# I put the wheels in motion



## peon (Oct 29, 2010)

After the last few weeks I confronted my wife about her inability to take action and start working on our problems. And she up and told me that she was not going to. So I said I wanted out. After a few days of stomping around she has agreed that it the best thing to do. The last few days I have felt relief and excitement at the fact I might get a chance at happiness. But today I start doing some research about spouses that were victims of child abuse and find out that she might feel the same feelings when I try to initiate sex or try to engage in some forplay which makes me think that I have been a gigantic ass about this all this time. So I try to tell her that I was willing to go do what it takes to get things back on track and that with my new appreciation of her positions when it comes to intimacy and would work with her and change my view of what I thought was her just not caring enough to try might be something else much deeper.

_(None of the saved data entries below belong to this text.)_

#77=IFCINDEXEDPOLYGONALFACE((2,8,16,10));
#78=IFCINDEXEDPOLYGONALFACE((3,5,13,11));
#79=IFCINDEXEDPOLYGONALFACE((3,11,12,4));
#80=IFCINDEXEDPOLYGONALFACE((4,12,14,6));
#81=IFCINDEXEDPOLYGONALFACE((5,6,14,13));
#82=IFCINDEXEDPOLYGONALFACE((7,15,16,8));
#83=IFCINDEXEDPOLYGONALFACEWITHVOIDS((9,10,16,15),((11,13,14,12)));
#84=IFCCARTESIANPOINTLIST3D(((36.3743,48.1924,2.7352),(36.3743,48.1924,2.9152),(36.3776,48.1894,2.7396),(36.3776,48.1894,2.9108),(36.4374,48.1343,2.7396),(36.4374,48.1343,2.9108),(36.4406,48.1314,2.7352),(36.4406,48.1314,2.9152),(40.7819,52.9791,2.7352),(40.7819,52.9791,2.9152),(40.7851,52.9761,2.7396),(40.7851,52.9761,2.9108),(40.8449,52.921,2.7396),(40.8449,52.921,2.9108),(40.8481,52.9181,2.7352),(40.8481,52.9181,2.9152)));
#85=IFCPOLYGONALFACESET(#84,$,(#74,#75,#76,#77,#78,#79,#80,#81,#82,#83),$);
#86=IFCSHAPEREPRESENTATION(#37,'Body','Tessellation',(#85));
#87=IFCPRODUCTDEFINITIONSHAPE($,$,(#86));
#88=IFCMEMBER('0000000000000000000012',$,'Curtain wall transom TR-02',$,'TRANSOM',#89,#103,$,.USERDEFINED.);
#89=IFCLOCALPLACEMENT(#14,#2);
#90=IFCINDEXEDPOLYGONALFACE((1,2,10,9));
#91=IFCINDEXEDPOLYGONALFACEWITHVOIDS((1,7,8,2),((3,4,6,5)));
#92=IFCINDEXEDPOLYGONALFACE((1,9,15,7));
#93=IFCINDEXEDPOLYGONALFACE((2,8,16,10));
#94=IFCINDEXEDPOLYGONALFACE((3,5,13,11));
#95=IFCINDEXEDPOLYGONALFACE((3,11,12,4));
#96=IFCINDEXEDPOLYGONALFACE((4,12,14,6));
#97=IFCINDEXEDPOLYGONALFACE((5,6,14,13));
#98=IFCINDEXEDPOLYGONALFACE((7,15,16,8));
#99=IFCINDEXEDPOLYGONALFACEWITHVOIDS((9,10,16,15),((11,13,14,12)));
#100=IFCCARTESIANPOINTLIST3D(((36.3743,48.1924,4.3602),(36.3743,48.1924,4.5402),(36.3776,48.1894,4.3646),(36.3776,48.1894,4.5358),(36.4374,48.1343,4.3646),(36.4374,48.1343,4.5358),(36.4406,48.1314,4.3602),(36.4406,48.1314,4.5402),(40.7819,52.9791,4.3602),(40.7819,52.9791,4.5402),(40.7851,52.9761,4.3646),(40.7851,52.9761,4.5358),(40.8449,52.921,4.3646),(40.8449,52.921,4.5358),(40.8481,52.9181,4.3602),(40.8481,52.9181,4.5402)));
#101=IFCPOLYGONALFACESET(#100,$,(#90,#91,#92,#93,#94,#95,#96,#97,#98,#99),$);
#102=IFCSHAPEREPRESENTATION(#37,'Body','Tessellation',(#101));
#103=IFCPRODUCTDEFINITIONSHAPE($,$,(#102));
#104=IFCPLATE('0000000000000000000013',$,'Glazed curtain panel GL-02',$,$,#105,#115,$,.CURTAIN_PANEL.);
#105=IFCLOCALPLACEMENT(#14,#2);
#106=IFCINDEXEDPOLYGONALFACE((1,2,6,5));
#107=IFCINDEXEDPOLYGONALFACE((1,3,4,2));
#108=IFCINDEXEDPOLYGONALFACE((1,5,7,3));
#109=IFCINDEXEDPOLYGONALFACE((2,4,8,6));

She has declined and would rather continue down the path of separation. Now what do I do? I'm not sure if I want to wait for a few more years to see no improvement and no effort on her part. Anyone been in the same situation and were able to right the ship? That's if she would actually try again. Any advice or experience with a spouse that was abused as a child?
_Posted via Mobile Device_


----------



## LiamN (Nov 5, 2012)

The more you work on yourself the more attractive you will be to your spouse - and the more likely they are to take action as well. Decide what you want and work on creating it first - that gives you the greatest chance that she will follow.


----------



## mfriend2012 (Dec 5, 2012)

I'm sorry for your situation. Being a victim of abuse sounds like a very complicated situation. It is wonderful that you are showing compassion for her. I would see if you can take this to a counselor. You do not have to tell her that you are trying to right the ship. Her reaction right now sounds very defensive and shut down. If a counselor could get you guys in a conversation, perhaps some real communication would come out.


----------